In Praise of Maintenance - skmurphy
http://freakonomics.com/podcast/in-praise-of-maintenance/
======
skmurphy
they use a quote by Larry Summers to frame the tension between innovation and
maintenance:

    
    
        SUMMERS: People always think more about how new ground can be broken than 
        they think about how existing institutions can be sustained or existing 
        facilities can be maintained. It leads to a constant trap where we 
        underinvest in old things, then old things disappoint, us then we feel a 
        need for new things, then to satisfy that need for new things we underinvest 
        more in old things and the cycle goes on. 
    
        You see it in the fact that we pay the equivalent of 40 cents a gallon in 
        gasoline taxes for extra repairs due to the fact that we are not maintaining 
        our highways right.
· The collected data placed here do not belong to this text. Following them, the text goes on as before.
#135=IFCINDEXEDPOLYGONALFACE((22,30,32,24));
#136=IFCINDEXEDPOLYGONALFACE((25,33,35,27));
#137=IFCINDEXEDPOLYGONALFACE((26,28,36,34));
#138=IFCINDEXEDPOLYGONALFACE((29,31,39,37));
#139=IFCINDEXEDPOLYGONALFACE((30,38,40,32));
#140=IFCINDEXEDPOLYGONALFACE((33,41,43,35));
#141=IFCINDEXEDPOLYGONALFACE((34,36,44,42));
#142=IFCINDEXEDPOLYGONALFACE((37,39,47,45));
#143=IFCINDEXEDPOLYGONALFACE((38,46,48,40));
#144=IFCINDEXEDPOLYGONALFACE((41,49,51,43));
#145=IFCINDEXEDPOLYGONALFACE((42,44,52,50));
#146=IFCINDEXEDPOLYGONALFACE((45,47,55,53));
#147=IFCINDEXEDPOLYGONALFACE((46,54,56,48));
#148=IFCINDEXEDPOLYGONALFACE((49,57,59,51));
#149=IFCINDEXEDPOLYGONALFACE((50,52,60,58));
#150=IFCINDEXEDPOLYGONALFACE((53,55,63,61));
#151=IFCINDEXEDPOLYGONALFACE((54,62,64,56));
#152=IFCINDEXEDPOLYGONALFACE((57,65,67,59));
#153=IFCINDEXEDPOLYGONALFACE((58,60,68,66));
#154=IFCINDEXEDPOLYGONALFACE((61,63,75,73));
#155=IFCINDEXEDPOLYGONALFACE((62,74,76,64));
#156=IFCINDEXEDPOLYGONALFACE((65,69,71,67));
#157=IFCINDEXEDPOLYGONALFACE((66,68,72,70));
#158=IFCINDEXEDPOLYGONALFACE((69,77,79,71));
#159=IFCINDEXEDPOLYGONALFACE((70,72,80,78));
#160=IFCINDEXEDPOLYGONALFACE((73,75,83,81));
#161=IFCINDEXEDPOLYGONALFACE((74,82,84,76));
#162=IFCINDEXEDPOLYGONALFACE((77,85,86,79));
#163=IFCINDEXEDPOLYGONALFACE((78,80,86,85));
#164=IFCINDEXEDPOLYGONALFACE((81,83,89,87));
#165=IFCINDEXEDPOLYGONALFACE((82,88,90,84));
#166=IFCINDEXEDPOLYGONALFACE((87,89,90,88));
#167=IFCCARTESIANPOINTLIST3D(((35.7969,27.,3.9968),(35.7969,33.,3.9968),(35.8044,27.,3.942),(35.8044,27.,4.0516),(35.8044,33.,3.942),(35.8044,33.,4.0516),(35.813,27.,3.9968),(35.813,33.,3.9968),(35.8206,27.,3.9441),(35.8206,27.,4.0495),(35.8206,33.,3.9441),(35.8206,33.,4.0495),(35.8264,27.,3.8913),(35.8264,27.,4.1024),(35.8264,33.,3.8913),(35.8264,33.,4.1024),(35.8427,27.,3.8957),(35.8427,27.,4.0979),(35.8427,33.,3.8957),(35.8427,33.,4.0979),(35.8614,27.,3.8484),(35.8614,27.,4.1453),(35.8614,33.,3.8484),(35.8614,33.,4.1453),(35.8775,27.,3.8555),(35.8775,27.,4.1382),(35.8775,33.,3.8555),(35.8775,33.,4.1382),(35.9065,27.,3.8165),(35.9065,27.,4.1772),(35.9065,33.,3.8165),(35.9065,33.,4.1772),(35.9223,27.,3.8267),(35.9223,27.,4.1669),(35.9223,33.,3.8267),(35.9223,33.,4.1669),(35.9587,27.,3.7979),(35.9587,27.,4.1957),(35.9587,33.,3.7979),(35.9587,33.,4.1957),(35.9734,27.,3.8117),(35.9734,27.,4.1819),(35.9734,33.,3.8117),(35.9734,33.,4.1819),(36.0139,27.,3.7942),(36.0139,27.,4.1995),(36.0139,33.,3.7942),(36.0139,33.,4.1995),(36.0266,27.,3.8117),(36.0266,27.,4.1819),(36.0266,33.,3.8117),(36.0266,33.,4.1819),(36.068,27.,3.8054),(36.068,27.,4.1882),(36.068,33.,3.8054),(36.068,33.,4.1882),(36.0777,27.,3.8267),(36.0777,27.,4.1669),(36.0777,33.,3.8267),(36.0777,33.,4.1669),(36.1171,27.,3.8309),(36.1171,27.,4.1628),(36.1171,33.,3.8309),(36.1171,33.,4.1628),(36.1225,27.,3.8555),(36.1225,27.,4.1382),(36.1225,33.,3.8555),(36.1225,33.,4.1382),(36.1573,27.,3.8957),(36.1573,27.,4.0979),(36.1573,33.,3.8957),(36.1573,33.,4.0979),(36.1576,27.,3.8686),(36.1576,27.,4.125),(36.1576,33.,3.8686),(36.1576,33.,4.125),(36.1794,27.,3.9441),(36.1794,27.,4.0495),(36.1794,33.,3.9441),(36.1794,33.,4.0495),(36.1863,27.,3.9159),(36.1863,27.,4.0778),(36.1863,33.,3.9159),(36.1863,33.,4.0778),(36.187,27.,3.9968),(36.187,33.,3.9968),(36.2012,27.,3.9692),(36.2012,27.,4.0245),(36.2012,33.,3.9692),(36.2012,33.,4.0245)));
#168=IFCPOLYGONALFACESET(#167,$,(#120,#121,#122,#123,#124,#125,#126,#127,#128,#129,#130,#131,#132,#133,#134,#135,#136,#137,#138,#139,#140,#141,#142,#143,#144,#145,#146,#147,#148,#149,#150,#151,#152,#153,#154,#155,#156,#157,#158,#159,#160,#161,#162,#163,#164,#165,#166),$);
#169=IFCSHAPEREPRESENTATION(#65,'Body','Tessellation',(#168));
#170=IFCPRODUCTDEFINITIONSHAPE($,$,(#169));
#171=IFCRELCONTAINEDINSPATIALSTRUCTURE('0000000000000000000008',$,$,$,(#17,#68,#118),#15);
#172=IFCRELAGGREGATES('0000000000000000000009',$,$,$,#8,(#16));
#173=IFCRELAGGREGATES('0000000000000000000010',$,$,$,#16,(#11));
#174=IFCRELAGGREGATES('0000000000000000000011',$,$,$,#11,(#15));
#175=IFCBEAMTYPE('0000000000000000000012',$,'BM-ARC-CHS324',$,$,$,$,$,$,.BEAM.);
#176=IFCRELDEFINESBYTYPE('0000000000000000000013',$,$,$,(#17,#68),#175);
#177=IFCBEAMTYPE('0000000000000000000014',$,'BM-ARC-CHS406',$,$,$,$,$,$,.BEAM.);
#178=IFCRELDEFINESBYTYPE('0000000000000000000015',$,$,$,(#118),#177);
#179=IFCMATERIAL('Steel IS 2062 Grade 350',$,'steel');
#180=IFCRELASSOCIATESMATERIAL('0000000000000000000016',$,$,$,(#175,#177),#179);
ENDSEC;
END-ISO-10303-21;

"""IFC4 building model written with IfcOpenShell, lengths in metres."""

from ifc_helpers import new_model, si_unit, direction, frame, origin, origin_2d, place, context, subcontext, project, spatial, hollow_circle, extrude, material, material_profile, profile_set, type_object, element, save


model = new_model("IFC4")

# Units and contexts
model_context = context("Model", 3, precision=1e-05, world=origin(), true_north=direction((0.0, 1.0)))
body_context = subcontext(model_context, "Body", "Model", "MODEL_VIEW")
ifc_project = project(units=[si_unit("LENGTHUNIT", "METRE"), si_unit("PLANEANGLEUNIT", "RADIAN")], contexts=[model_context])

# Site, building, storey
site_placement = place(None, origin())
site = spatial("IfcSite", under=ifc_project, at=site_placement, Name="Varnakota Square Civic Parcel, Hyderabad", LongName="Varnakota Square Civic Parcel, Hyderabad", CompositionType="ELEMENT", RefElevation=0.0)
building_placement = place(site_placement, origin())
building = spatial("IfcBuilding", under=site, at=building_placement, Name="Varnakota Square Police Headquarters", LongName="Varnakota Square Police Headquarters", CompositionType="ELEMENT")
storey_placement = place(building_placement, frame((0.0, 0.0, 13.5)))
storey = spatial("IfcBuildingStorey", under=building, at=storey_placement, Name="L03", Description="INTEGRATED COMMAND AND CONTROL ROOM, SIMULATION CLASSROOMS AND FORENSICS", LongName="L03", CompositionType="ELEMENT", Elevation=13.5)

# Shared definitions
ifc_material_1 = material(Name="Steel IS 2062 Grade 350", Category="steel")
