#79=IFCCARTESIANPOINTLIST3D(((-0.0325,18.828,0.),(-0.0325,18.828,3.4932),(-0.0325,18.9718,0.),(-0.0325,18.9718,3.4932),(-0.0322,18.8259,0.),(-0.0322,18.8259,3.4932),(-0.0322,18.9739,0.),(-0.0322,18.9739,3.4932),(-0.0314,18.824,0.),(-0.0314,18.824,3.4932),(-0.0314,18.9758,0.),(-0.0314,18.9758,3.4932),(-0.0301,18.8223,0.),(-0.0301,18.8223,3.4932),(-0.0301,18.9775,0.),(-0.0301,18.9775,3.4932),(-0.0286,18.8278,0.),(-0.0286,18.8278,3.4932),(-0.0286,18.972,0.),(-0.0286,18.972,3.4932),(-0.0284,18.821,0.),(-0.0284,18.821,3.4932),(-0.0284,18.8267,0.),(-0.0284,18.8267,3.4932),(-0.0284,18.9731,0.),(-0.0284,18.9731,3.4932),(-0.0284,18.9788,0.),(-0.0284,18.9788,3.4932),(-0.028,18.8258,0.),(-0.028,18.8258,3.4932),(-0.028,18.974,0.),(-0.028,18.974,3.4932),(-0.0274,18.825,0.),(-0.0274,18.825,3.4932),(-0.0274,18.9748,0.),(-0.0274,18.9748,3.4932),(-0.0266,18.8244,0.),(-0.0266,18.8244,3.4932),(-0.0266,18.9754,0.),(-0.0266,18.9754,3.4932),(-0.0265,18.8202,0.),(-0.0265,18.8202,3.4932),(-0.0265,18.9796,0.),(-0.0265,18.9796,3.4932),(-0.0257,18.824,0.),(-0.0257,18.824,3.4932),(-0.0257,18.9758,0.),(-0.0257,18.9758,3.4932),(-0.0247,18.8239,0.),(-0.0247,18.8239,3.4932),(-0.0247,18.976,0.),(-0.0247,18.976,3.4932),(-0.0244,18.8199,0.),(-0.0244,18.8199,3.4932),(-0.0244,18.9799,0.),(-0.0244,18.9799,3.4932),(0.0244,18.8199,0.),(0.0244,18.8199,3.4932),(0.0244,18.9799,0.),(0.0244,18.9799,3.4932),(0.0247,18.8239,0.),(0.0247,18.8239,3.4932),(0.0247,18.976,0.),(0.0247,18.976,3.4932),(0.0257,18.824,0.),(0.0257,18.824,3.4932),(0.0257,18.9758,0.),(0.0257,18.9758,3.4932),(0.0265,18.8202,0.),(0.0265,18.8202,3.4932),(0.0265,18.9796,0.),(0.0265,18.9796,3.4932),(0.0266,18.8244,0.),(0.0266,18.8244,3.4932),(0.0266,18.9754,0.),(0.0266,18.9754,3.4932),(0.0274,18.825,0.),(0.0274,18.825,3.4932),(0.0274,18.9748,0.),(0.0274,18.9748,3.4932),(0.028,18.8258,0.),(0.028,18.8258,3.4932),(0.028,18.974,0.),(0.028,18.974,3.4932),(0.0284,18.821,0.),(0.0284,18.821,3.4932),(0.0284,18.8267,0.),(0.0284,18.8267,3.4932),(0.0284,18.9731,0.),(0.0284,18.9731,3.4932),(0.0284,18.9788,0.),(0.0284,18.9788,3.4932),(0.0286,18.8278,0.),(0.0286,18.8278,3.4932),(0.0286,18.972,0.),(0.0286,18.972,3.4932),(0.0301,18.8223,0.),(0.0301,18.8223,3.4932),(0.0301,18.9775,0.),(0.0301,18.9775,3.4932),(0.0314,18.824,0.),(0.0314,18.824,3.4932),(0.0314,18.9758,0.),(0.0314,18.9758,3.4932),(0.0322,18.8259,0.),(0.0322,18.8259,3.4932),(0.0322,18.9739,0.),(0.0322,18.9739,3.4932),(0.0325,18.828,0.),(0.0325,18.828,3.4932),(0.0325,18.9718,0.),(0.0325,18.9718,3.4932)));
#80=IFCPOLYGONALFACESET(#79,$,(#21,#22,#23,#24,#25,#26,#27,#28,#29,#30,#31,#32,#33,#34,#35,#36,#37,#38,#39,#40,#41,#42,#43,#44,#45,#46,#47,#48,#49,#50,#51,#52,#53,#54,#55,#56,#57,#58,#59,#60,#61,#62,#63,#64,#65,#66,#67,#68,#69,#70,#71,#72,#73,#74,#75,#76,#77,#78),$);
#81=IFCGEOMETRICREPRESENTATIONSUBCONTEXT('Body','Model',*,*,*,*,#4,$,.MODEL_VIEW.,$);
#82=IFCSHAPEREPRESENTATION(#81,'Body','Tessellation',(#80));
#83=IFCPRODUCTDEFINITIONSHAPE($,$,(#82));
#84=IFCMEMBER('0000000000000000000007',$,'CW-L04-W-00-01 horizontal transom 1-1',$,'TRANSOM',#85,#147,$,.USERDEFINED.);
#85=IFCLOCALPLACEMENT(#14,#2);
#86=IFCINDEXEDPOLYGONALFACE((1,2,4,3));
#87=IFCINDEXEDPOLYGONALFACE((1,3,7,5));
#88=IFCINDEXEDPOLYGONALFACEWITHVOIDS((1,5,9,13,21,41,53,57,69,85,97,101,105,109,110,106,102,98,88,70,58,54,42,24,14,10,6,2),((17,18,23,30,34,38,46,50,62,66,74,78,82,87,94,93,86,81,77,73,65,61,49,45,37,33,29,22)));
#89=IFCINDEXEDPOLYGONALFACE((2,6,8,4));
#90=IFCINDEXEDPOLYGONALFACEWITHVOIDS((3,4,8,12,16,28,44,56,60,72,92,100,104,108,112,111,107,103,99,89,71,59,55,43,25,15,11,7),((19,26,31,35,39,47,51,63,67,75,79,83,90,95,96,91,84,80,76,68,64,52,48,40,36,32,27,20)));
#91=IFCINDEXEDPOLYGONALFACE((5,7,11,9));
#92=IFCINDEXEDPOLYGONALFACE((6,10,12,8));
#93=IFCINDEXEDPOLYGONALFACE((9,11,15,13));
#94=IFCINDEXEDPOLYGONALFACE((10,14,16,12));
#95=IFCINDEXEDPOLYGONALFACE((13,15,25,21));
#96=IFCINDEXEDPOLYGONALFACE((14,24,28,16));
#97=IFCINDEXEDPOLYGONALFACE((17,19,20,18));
You see it in an air-traffic control systems in the 
        United States that still uses obsolete technologies and doesn’t use GPS.
     
        And as a consequence, we all spend more time with air-traffic delays,we burn
        huge amounts more energy, we take greater safety risks than we need to. You 
        see it in developing countries where they’re always building new facilities, 
        but then a few years later those facilities sit in a sense of disrepair. I 
        think the fetish of novelty and the lack of glamor of maintaining and 
        sustaining things is a besetting problem.